Phytostabilization of polymetallic contaminated soil using Medicago sativa L. in combination with powdered marble: Sustainable rehabilitation
Published in International Journal of Phytoremediation, 2018
Laila Midhat, Naaila Ouazzani, Abdessamed Hejjaj, Javier Bayo, Laila Mandi
Immobilization techniques combining amendments and phytoremediation (phytoextraction or phytostabilization) for soil remediation commonly use tolerant and hyperaccumulator plants. The choice of plant depends on the type and degree of contamination, as well as the remediation objectives (González et al.2016). Bioremediation using tolerant and hyperaccumulator plants is cost-effective, environmentally friendly, and technically feasible. A tolerant plant used as a test plant in stabilizing acidic mine tailings is alfalfa (Medicago sativa L.). Alfalfa is suitable as it can survive well under detrimental conditions such as drought, high levels of contamination, and low temperatures. It can also efficiently fix nitrogen, which is an important consideration in the revegetation of nutrient deficient mine dumps. The capacity of M. sativa L. for phytostabilization of metals in mine tailings has been previously reported by several researchers (Al-Rashdi and Sulaiman 2013; Chen et al.2015; Mingorance et al.2016).

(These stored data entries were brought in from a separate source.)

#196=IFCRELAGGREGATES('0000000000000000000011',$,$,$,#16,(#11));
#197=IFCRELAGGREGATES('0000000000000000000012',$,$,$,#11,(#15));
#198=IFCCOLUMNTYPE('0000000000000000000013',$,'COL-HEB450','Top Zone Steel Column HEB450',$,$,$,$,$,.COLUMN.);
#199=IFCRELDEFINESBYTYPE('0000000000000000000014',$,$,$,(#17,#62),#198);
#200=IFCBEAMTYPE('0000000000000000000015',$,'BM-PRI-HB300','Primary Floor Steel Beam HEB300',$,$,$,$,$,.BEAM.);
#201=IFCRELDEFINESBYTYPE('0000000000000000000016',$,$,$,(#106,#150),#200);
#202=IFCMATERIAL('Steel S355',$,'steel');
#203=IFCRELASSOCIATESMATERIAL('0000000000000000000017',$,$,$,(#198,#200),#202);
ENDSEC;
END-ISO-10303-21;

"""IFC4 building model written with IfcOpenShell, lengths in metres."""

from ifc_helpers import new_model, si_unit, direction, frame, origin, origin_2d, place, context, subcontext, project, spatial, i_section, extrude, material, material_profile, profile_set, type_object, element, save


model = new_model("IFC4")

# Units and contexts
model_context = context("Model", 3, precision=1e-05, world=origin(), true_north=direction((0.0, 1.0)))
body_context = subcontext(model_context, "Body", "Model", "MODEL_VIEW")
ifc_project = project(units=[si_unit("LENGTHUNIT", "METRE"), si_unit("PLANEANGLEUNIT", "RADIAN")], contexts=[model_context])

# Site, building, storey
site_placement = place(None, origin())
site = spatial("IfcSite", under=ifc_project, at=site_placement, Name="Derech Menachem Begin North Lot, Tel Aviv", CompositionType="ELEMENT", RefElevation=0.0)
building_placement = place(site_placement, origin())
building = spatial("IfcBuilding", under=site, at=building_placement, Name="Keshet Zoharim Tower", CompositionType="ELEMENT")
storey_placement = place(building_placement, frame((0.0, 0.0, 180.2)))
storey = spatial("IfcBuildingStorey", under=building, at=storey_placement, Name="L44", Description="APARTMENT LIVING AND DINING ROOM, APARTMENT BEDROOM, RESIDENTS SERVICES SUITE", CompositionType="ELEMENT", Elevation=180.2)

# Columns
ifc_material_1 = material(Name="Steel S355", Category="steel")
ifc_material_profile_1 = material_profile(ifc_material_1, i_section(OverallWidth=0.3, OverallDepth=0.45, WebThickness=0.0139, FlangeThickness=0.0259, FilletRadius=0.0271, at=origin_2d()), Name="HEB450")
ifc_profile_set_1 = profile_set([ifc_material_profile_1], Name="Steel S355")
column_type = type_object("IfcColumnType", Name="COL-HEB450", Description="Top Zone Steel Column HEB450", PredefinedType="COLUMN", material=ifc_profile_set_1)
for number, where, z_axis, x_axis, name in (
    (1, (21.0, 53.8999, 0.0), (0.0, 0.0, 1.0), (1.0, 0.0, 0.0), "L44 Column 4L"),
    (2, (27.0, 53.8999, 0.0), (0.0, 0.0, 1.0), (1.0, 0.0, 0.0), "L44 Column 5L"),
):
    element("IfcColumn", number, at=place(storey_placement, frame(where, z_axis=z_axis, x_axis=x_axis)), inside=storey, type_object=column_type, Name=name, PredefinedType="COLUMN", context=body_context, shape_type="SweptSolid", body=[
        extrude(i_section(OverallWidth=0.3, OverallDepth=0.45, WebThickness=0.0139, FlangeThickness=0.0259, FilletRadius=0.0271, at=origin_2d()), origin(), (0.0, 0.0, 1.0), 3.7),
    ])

Morphological effect of dichloromethane on alfalfa (Medicago sativa) cultivated in soil amended with fertilizer manures
Published in International Journal of Phytoremediation, 2021
Sana Dardouri, Asma Jedidi, Sabrine Mejri, Sabrine Hattab, Jalila Sghaier
In fact, alfalfa (Medicago sativa L) was applied for soil phytoremediation of both inorganic (Bonfranceschi et al. 2009; Vamerali et al. 2011; Zaefarian et al. 2013, Marchand et al., 2016) and organic pollutants (Wei and Pan 2010; Hechmi et al. 2014; Marchand et al. 2016), such as heavy metals (Zaefarian et al. 2013; Marchand et al. 2016), landfill leachate (Yang et al. 2017). This plant has a root framework appropriate for the petroleum hydrocarbons (PHC) rhizodegradation (Wang et al. 2012) and can add to trace elements (TE) phytostabilisation (Zribi et al. 2015). Alfalfa is widely developed as feedstock for its high shoot yield and life span (Campanelli et al. 2013).